Mieszkańcy gdańskiej dzielnicy Wrzeszcz zostali bez wody pitnej. Tą, która leci z kranów, można spożywać wyłącznie po przegotowaniu. W ujęciu wody odkryte zostały bowiem bakterie Clostridium. Sprawą zajęli się już inspektorzy sanepidu.
Osoby, które mieszkają pomiędzy ulicami Grunwaldzką, Hallera, Kościuszki, a wiaduktem Braci Lewoniewskich, nie mogą pić wody z kranów. Mieszkańcy narzekają; jak twierdzą, nie otrzymali żadnej informacji w tej sprawie. Czeski film.

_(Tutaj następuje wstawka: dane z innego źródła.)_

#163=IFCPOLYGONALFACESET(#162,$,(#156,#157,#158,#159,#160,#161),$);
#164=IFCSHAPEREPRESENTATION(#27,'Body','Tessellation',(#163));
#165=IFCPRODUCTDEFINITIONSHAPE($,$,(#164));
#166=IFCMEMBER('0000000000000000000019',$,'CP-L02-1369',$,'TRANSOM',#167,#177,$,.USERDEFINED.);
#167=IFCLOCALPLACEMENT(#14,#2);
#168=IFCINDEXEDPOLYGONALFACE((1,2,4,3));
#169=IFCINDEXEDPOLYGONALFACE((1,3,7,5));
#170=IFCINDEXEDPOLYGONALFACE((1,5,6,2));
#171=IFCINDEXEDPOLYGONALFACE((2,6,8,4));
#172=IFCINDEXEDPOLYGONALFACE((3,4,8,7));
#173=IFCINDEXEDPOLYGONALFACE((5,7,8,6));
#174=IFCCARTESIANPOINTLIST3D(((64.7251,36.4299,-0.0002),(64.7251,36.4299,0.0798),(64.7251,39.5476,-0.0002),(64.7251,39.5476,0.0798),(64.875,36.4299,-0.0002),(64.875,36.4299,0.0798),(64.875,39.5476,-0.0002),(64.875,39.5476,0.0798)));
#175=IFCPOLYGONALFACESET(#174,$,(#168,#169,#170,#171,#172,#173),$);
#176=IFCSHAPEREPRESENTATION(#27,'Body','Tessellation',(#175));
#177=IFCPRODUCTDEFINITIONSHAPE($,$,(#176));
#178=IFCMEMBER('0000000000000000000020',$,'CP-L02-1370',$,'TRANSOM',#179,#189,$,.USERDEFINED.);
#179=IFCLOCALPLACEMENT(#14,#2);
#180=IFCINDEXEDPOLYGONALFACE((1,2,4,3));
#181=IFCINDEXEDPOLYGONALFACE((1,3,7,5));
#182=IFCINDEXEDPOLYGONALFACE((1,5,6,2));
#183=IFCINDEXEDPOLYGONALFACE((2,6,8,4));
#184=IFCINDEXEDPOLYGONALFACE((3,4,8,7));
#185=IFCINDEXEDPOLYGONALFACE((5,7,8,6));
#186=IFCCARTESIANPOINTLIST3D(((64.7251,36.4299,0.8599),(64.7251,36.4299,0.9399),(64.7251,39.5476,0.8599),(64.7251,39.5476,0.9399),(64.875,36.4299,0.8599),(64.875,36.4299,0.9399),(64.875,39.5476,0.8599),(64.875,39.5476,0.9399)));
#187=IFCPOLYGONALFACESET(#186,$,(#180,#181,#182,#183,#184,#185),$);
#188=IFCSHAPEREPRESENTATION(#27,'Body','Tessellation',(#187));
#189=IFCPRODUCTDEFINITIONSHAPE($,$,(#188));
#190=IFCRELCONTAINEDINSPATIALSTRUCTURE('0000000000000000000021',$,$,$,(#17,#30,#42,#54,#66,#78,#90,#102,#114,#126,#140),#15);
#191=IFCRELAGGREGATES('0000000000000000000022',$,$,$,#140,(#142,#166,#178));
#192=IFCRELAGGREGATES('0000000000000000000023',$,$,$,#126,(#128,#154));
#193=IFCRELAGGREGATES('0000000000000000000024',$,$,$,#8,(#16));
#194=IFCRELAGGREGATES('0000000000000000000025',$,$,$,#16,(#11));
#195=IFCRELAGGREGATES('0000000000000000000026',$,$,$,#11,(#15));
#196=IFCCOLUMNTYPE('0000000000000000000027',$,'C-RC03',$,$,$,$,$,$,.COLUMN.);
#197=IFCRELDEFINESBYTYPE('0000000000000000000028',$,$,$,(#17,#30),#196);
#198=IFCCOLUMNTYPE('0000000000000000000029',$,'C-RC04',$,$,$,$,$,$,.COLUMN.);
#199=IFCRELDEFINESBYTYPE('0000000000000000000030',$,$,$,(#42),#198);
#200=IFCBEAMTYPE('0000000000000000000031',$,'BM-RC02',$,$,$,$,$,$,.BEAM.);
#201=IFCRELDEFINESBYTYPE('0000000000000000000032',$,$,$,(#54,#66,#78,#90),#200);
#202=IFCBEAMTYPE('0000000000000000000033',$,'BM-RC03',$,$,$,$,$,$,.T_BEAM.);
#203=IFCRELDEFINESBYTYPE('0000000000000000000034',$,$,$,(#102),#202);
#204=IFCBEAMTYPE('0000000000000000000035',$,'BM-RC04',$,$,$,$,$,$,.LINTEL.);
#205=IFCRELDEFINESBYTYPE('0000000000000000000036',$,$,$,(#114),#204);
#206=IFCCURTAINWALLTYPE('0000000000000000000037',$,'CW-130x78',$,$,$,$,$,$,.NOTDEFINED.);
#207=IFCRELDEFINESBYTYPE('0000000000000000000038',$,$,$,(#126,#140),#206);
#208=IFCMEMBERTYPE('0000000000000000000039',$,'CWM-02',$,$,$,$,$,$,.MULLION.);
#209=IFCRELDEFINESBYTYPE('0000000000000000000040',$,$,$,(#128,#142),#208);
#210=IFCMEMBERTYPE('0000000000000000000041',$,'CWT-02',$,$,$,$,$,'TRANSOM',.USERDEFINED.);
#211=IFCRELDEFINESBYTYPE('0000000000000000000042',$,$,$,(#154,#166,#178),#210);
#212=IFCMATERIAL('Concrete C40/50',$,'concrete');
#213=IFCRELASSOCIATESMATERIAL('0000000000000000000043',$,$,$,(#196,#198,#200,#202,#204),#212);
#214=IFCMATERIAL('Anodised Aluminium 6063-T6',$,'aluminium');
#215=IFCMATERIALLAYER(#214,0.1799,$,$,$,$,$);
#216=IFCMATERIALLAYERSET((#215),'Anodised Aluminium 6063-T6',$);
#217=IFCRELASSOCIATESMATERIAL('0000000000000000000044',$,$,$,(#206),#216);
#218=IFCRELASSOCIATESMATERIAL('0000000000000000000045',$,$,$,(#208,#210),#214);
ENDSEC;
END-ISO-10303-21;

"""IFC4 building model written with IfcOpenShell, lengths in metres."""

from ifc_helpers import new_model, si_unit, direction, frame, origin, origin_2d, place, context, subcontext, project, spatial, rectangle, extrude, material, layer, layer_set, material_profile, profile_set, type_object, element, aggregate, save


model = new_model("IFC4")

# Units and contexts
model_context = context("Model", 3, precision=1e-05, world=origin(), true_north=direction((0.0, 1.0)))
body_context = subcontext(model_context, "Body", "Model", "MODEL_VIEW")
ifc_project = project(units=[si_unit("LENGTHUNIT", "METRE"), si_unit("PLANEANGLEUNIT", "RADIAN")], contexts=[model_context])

Nikt nic nie wie - mówi reporterowi RMF FM jeden z gdańszczan.
Firma Saur Neptun Gdańsk, która dostarcza wodę do domów w Gdańsku, ma wkrótce wydać oficjalny komunikat w tej sprawie.
Colstridium to bakterie Gram-dodatnie. Rodzaj ten obejmuje około 60 gatunków drobnoustrojów, powszechnie występujących w glebie, w przewodach pokarmowych ludzi i zwierząt, a także w wodzie i ściekach. Niektóre gatunki mają właściwości chorobotwórcze. Ich obecność w wodzie świadczy o zanieczyszczeniu m.in. odchodami. W wodach pitnych bakterie te nie mogą występować; ilość w innych rodzajach wód nie jest normowana.